Александр Бирюков в исследовании «За нами придут корабли…» замечает: «Осознание истребительной роли Колымы пришло не сразу. И в числе первых её заключённых было немало тех, кто верил — по крайней мере, в тот момент, когда поднимался на “борт парохода угрюмый”, что там — в тайге, на прииске — ему будет легче, лучше, чем в домзаке или политизоляторе. Широко разрекламированная школа “перековки”, якобы осуществлявшейся на самых крупных предшествующих невольничьих стройках — Беломорканале, Вишхимзе, казалось, должна была продолжить свои чудесные занятия и на колымской земле. Почти так оно и было на первых порах, — и историки объясняют этот период не в последнюю очередь либерализмом или даже гуманизмом первого директора Дальстроя Э. П. Берзина». Того же мнения придерживается Иван Джуха: «Одна из причин ареста и расстрела Э. Берзина заключалась якобы в его мягкотелости. При нём рабочий день летом составлял десять часов с пересменкой раз в десять дней. Выходные копили и выдавали авансом к 1 мая и “под расчёт” — 7 ноября. В зимние месяцы рабочий день сокращался до четырёх часов в январе, шести-семи (февраль — март) и восьми в апреле».
Николай Билетов в мемуарном очерке «С 32-го на Колыме» тоже рисует достаточно терпимую обстановку в ранние колымские годы: «На первых порах Колыма показалась не такой страшной, как ожидалось. Осень выдалась теплой и солнечной. Кормили хорошо, даже выдавали перед обедом по 50 граммов спирта (считалось, что спирт предохраняет от цинги), а у входа в столовую стояли две раскрытые бочки, одна с селёдкой, другая… с красной икрой.

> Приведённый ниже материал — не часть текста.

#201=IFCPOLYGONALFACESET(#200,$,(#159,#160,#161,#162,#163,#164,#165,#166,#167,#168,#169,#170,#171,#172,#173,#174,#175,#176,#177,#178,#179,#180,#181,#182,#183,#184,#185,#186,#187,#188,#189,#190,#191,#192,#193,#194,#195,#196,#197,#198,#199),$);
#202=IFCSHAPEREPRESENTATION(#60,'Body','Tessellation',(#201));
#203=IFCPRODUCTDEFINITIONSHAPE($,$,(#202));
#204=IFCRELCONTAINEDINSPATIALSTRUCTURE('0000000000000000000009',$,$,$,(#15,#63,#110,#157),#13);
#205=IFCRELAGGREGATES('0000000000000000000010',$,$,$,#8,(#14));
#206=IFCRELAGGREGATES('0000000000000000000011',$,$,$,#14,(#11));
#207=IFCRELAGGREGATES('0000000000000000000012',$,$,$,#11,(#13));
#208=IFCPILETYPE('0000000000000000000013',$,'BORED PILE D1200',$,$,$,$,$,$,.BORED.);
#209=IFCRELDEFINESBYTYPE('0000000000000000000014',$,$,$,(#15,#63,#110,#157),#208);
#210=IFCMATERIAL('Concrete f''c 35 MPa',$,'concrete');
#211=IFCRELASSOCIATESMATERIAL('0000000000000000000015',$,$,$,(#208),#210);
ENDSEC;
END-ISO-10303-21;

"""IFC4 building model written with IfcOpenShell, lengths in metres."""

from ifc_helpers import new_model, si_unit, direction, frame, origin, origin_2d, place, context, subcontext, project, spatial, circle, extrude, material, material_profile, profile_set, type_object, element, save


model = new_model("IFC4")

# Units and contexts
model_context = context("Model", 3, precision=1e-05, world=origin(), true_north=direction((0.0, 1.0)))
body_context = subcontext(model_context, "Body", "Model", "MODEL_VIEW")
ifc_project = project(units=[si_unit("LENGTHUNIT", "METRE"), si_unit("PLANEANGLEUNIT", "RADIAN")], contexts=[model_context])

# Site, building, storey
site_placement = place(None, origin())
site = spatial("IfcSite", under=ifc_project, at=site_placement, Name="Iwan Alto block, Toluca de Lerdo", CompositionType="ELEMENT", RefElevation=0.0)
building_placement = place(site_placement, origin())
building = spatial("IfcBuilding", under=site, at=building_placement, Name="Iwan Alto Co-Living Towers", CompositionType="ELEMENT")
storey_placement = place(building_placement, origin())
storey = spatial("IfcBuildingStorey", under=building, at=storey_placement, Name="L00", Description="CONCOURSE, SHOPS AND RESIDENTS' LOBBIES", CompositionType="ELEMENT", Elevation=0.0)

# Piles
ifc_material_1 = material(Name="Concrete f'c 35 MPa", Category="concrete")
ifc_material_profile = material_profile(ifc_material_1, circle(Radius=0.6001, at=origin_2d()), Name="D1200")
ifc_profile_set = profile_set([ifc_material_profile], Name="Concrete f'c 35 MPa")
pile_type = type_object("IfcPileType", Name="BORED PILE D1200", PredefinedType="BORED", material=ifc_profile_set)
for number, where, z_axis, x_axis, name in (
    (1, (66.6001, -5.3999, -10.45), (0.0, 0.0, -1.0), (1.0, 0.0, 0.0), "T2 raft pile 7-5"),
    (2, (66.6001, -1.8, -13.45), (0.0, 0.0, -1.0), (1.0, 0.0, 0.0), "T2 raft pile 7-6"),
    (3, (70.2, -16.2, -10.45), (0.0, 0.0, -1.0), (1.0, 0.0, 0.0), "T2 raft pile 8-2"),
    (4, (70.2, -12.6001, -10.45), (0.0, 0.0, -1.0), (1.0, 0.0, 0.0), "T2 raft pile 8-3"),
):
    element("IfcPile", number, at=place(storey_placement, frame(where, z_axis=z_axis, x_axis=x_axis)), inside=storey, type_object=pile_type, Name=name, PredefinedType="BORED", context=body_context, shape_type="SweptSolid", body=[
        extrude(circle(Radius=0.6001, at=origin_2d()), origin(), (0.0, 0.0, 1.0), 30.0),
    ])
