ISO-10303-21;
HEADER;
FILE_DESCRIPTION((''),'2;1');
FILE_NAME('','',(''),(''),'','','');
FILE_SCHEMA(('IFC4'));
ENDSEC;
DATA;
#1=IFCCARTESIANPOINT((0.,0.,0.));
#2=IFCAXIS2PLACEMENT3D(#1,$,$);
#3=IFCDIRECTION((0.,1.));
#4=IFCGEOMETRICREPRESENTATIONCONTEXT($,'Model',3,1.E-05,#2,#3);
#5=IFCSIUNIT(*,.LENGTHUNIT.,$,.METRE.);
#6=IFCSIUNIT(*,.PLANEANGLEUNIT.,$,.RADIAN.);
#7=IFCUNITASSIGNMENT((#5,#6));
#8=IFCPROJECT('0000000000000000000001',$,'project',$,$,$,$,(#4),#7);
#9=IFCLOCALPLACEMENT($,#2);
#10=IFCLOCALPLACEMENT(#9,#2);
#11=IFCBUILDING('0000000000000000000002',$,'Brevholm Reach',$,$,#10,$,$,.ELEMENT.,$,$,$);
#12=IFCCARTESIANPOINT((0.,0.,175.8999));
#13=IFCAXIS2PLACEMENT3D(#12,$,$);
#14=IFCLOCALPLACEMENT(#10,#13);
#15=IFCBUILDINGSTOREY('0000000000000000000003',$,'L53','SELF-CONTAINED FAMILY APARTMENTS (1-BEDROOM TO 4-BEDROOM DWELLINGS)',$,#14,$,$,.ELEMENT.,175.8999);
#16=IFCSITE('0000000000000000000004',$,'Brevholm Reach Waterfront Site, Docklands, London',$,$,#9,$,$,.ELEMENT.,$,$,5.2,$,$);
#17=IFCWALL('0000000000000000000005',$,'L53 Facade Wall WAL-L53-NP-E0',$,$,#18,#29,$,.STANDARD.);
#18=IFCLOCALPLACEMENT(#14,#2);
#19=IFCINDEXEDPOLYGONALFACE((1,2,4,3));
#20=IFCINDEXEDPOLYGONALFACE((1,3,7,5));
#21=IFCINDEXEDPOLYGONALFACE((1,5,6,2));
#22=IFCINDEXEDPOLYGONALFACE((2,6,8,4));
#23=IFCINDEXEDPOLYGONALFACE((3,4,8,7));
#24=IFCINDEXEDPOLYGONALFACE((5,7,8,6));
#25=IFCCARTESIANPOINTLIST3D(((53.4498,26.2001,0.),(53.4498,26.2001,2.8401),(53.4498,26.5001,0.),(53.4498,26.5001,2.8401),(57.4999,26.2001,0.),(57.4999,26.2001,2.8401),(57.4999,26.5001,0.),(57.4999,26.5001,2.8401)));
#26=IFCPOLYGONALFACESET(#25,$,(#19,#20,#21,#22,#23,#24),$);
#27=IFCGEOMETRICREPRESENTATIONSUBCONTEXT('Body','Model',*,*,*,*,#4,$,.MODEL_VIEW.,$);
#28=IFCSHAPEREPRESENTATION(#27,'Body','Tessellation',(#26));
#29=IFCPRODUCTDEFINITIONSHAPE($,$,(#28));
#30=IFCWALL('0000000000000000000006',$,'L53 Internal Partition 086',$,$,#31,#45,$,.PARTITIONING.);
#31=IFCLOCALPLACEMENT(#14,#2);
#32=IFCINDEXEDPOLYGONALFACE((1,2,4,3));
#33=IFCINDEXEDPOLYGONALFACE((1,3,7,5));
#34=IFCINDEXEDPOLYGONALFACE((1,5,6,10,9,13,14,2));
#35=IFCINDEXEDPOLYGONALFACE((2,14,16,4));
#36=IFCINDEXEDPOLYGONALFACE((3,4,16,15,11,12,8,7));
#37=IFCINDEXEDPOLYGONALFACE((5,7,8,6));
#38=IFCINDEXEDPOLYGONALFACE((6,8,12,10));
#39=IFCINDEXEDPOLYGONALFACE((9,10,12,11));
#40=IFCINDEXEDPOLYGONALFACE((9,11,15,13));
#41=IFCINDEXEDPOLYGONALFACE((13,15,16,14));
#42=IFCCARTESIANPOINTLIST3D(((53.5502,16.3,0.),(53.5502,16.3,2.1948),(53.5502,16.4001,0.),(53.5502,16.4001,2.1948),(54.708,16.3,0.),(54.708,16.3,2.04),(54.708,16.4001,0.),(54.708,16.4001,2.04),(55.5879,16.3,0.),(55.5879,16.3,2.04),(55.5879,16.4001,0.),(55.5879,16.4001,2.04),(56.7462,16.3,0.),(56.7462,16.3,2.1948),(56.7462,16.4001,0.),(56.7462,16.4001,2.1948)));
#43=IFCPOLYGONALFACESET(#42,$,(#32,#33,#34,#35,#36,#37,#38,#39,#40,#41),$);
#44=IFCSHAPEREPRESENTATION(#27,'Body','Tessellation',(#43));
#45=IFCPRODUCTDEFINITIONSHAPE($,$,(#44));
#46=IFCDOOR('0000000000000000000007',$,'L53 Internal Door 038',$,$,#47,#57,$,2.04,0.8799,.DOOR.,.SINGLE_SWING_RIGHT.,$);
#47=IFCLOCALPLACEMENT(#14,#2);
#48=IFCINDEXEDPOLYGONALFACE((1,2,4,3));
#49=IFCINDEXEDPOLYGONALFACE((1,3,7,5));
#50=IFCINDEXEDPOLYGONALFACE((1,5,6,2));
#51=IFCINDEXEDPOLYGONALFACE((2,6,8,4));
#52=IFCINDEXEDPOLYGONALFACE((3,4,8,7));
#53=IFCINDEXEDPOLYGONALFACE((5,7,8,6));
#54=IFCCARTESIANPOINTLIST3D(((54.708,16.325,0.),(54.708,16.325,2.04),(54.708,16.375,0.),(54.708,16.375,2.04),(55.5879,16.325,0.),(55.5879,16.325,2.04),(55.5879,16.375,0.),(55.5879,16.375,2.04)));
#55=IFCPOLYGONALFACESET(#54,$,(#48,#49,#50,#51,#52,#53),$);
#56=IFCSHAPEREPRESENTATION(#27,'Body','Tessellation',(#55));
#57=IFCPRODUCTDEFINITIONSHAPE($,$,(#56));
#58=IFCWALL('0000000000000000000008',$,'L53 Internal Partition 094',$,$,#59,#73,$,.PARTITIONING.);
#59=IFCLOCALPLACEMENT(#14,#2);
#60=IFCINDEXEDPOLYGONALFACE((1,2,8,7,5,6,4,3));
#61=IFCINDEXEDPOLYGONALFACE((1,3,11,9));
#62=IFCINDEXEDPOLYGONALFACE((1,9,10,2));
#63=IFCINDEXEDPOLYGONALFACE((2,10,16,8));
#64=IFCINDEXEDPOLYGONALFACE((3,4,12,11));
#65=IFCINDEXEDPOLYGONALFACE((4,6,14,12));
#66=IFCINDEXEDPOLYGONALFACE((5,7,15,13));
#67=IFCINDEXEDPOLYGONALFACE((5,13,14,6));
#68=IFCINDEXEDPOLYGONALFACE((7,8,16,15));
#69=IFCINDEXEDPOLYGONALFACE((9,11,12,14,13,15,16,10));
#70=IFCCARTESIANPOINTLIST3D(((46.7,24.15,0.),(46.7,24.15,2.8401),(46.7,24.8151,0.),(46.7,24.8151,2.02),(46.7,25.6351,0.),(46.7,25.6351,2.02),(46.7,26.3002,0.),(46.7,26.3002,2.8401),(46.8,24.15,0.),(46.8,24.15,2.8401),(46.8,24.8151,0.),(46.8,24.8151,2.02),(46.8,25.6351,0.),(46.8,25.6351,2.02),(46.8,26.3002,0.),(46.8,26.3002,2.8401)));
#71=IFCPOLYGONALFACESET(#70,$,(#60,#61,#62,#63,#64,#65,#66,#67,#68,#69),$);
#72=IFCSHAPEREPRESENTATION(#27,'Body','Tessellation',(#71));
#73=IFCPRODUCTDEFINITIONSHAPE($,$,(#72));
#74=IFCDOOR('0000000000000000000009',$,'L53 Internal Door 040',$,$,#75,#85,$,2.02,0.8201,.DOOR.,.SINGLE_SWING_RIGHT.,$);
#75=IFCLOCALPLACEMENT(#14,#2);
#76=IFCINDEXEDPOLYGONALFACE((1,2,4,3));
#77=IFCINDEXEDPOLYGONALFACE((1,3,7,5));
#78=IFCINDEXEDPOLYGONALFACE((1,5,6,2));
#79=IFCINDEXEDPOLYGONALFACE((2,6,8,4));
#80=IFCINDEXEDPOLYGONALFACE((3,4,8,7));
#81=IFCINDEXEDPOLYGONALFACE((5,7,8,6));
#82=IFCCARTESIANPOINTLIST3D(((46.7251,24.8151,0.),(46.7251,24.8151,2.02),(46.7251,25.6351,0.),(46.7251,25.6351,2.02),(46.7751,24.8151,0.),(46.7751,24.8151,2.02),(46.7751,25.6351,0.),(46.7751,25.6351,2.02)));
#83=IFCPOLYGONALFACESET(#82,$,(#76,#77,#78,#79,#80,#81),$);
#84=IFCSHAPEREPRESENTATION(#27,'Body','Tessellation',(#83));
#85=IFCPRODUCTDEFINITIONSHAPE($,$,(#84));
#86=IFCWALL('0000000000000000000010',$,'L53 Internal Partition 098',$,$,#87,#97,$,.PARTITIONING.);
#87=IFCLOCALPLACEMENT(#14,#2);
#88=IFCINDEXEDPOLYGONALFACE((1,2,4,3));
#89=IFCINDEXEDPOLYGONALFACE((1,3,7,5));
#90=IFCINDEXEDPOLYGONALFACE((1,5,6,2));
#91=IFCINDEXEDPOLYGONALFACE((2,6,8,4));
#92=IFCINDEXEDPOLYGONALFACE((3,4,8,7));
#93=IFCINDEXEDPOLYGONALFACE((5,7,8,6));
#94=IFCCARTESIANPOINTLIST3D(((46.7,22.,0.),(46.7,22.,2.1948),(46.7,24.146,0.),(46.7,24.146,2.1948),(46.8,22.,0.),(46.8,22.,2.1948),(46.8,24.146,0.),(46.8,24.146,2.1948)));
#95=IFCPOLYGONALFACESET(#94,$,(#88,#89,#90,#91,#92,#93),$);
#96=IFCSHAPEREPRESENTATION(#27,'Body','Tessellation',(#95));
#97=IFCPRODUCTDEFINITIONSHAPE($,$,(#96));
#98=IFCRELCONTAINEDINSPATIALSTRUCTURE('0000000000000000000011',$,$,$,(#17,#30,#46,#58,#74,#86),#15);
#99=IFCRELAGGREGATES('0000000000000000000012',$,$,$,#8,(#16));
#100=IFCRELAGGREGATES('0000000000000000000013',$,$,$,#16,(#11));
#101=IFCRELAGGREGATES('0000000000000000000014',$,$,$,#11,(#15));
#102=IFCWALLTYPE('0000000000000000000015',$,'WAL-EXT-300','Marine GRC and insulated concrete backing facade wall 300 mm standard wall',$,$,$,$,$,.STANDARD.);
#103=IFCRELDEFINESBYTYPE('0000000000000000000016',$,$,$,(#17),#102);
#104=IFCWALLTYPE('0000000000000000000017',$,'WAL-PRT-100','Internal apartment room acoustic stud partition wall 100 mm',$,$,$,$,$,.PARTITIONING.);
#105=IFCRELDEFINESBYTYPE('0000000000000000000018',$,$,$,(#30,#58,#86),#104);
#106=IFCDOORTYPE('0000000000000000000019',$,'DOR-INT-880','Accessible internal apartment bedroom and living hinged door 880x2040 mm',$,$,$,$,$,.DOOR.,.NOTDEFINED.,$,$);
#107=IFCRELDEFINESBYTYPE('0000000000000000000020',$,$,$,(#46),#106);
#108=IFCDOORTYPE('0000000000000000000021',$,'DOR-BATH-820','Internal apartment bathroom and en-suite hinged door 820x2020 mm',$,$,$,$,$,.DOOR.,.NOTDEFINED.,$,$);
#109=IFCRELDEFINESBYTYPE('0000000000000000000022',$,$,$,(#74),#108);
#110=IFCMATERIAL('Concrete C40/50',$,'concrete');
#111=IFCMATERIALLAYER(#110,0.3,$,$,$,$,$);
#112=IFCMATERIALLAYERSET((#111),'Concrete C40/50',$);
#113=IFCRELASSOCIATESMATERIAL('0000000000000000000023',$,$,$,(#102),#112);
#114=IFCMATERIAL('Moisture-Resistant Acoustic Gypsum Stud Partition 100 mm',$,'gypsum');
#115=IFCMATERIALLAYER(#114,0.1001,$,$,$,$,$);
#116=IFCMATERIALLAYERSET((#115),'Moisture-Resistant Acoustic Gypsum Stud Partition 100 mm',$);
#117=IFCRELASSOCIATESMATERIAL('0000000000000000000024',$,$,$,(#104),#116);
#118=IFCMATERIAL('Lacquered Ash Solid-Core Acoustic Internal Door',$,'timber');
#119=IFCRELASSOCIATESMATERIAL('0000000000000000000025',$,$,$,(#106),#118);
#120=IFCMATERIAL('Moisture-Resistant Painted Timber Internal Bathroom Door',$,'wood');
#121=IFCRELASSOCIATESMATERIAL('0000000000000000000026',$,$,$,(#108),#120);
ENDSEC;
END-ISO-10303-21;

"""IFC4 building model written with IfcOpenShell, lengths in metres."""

from ifc_helpers import new_model, si_unit, direction, frame, frame_2d, origin, place, context, subcontext, project, spatial, rectangle, extrude, material, layer, layer_set, type_object, element, fill, save


model = new_model("IFC4")

# Units and contexts
model_context = context("Model", 3, precision=1e-05, world=origin(), true_north=direction((0.0, 1.0)))
body_context = subcontext(model_context, "Body", "Model", "MODEL_VIEW")
ifc_project = project(units=[si_unit("LENGTHUNIT", "METRE"), si_unit("PLANEANGLEUNIT", "RADIAN")], contexts=[model_context])

# Site, building, storey
site_placement = place(None, origin())
site = spatial("IfcSite", under=ifc_project, at=site_placement, Name="Brevholm Reach Waterfront Site, Docklands, London", CompositionType="ELEMENT", RefElevation=5.2)
building_placement = place(site_placement, origin())
building = spatial("IfcBuilding", under=site, at=building_placement, Name="Brevholm Reach", CompositionType="ELEMENT")
storey_placement = place(building_placement, frame((0.0, 0.0, 175.8999)))
storey = spatial("IfcBuildingStorey", under=building, at=storey_placement, Name="L53", Description="SELF-CONTAINED FAMILY APARTMENTS (1-BEDROOM TO 4-BEDROOM DWELLINGS)", CompositionType="ELEMENT", Elevation=175.8999)

# Wall
ifc_material_1 = material(Name="Concrete C40/50", Category="concrete")
ifc_layer_1 = layer(ifc_material_1, 0.3)
ifc_layer_set_1 = layer_set([ifc_layer_1], Name="Concrete C40/50")
wall_type_1 = type_object("IfcWallType", Name="WAL-EXT-300", Description="Marine GRC and insulated concrete backing facade wall 300 mm standard wall", PredefinedType="STANDARD", material=ifc_layer_set_1)
wall_1_placement = place(storey_placement, frame((53.45, 26.3501, 0.0), z_axis=(0.0, 0.0, 1.0), x_axis=(1.0, 0.0, 0.0)))
element("IfcWall", 1, at=wall_1_placement, inside=storey, type_object=wall_type_1, Name="L53 Facade Wall WAL-L53-NP-E0", PredefinedType="STANDARD", context=body_context, shape_type="SweptSolid", body=[
    extrude(rectangle(XDim=4.05, YDim=0.3, at=frame_2d((2.0249, 0.0))), origin(), (0.0, 0.0, 1.0), 2.8401),
])

# Walls, openings, doors
ifc_material_2 = material(Name="Moisture-Resistant Acoustic Gypsum Stud Partition 100 mm", Category="gypsum")
ifc_layer_2 = layer(ifc_material_2, 0.1001)
ifc_layer_set_2 = layer_set([ifc_layer_2], Name="Moisture-Resistant Acoustic Gypsum Stud Partition 100 mm")
wall_type_2 = type_object("IfcWallType", Name="WAL-PRT-100", Description="Internal apartment room acoustic stud partition wall 100 mm", PredefinedType="PARTITIONING", material=ifc_layer_set_2)
wall_2_placement = place(storey_placement, frame((53.55, 16.3501, 0.0), z_axis=(0.0, 0.0, 1.0), x_axis=(1.0, 0.0, 0.0)))
wall_2 = element("IfcWall", 2, at=wall_2_placement, inside=storey, type_object=wall_type_2, Name="L53 Internal Partition 086", PredefinedType="PARTITIONING", context=body_context, shape_type="SweptSolid", body=[
    extrude(rectangle(XDim=3.196, YDim=0.1001, at=frame_2d((1.5981, 0.0))), origin(), (0.0, 0.0, 1.0), 2.1948),
])
opening_1_placement = place(wall_2_placement, frame((1.158, 0.0, 0.0)))
opening_1 = element("IfcOpeningElement", 3, at=opening_1_placement, cuts=wall_2, PredefinedType="OPENING", context=body_context, shape_type="SweptSolid", body=[
    extrude(rectangle(XDim=0.8799, YDim=2.04, at=frame_2d((0.4399, 1.02))), frame((0.0, 0.0601, 0.0), z_axis=(0.0, -1.0, 0.0), x_axis=(1.0, 0.0, 0.0)), (0.0, 0.0, 1.0), 0.1201),
])
ifc_material_3 = material(Name="Lacquered Ash Solid-Core Acoustic Internal Door", Category="timber")
door_type_1 = type_object("IfcDoorType", Name="DOR-INT-880", Description="Accessible internal apartment bedroom and living hinged door 880x2040 mm", OperationType="NOTDEFINED", PredefinedType="DOOR", material=ifc_material_3)
door_1_placement = place(opening_1_placement, origin())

Правда, вскоре спирт заменили на противоцинготный отвар из хвои стланика, что касается икры, то была она горько-солёная и слежавшаяся — не колупнешь, на неё находилось не много охотников».
Однако прав Шаламов, утверждая, что эта «благостность» была мнимой: «Берзин также убивал по приказу свыше в 1936 году. Газета “Советская Колыма” полна извещений, статей о процессах, полна призывов к бдительности, покаянных речей, призывов к жестокости и беспощадности. В течение тридцать шестого года и тридцать седьмого с этими речами выступал сам Берзин — постоянно, старательно, боясь что-нибудь упустить, недосмотреть. Расстрелы врагов народа на Колыме шли и в тридцать шестом году… Легенду о Берзине развеять нетрудно, стоит только просмотреть колымские газеты того времени».

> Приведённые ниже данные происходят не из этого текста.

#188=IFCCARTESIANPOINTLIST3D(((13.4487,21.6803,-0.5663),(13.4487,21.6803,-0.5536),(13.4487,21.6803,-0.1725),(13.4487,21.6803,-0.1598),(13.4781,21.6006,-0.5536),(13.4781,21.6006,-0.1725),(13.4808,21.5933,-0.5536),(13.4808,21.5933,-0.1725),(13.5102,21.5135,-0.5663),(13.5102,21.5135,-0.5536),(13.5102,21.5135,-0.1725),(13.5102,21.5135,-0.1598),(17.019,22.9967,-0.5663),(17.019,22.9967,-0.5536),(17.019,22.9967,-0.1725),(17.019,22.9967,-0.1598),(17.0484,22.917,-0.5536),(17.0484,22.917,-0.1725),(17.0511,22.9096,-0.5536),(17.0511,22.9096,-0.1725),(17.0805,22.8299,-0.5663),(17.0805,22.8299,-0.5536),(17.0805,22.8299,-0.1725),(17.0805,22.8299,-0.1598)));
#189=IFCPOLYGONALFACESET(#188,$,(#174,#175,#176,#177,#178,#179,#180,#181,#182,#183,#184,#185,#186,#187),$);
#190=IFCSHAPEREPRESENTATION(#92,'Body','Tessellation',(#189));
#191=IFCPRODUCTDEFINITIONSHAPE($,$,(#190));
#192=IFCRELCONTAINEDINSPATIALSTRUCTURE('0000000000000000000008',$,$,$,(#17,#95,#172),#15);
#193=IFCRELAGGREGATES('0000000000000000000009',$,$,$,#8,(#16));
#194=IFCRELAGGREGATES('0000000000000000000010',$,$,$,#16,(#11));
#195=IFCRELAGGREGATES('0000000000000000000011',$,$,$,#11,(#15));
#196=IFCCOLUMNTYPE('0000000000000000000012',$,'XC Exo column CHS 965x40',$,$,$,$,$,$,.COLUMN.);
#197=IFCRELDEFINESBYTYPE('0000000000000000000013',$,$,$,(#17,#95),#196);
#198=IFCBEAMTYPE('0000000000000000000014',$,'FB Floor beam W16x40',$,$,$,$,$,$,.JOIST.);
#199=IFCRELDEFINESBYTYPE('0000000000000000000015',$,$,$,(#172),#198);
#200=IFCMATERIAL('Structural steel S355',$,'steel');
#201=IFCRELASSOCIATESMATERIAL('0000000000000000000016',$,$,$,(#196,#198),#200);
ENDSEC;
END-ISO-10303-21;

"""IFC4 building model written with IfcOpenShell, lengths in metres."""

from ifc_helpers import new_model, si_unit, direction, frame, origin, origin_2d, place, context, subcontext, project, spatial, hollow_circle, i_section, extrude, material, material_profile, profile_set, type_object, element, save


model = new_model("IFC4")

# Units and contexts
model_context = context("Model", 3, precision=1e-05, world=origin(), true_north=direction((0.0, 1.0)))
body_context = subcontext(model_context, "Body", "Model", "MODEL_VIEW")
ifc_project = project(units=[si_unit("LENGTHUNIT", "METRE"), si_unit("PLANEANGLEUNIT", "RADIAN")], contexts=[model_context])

Но всё познаётся в сравнении. В этом можно убедиться на примере судьбы актёра и музыканта заключённого Сергея Лохвицкого. Он был осуждён коллегией ОГПУ 27 апреля 1933 года по статье 5811
на десять лет и уже 15 июля прибыл в бухту Нагаево. При Берзине к «контрику» Лохвицкому приехала на Колыму любимая женщина, здесь у него родилась дочь… Поэтому вполне искренним можно считать написанный Сергеем Лохвицким марш «Так держать!», посвящённый «пионеру Колымы Э. П. Берзину»:Марш победил на конкурсе газеты «Советская Колыма» в марте 1936 года, а первые строки песни секретарь Берзина Эсфирь Лейзерова даже записала на обороте фотографии своего шефа. Увы, автора это не спасло. А. Бирюков в очерке «Загадки горестной судьбы» сообщает: «Он провёдет на Колыме меньше десяти лет… пока она не превратит его в искалеченный труп, который невозможно будет даже идентифицировать — обмороженные пальцы не оставляли чётких отпечатков». То есть после Берзина «лафа» закончилась: «контриков» вместе с ворами и бытовиками всех скопом погнали на тяжёлый труд.
Итак, есть основания считать, что частушка о «чудной планете» могла родиться именно при первом начальнике Дальстроя Эдуарде Берзине, то есть до декабря 1937 года, когда он был арестован как руководитель «Колымской антисоветской, шпионской, повстанческо-террористической, вредительской организации» (1 августа 1938 года приговорён к высшей мере уголовного наказания и расстрелян).
«Чудная» или «дальняя»?
Но не будем торопиться. Попробуем разобраться, почему Колыма названа «планетой». Забудем на время об эпитете: далеко не во всех вариантах «Ванинского порта» используется определение «чудная». Вместо него пели «дивная», «райская», «чёрная», «страшная», «дальняя»…
Стоп! Пожалуй, есть смысл остановиться на последней характеристике. Её рождение прямо связано с трестом Дальстрой. Именно Дальстрой называли поначалу «Дальней планетой». Об этом (как о само собой разумеющемся факте) упоминает, например, Евгения Гинзбург в мемуарах «Крутой маршрут»: «Я давно слышала, что между начальником Дальстроя Митраковым, сменившим уволенного в отставку Никишова[21]
, и начальником политуправления Шевченко — нелады. Не знаю, было ли там что-нибудь принципиальное или просто шла борьба за власть в пределах “Дальней планеты”». Гинзбург приводит также вариант известной частушки с соответствующим эпитетом.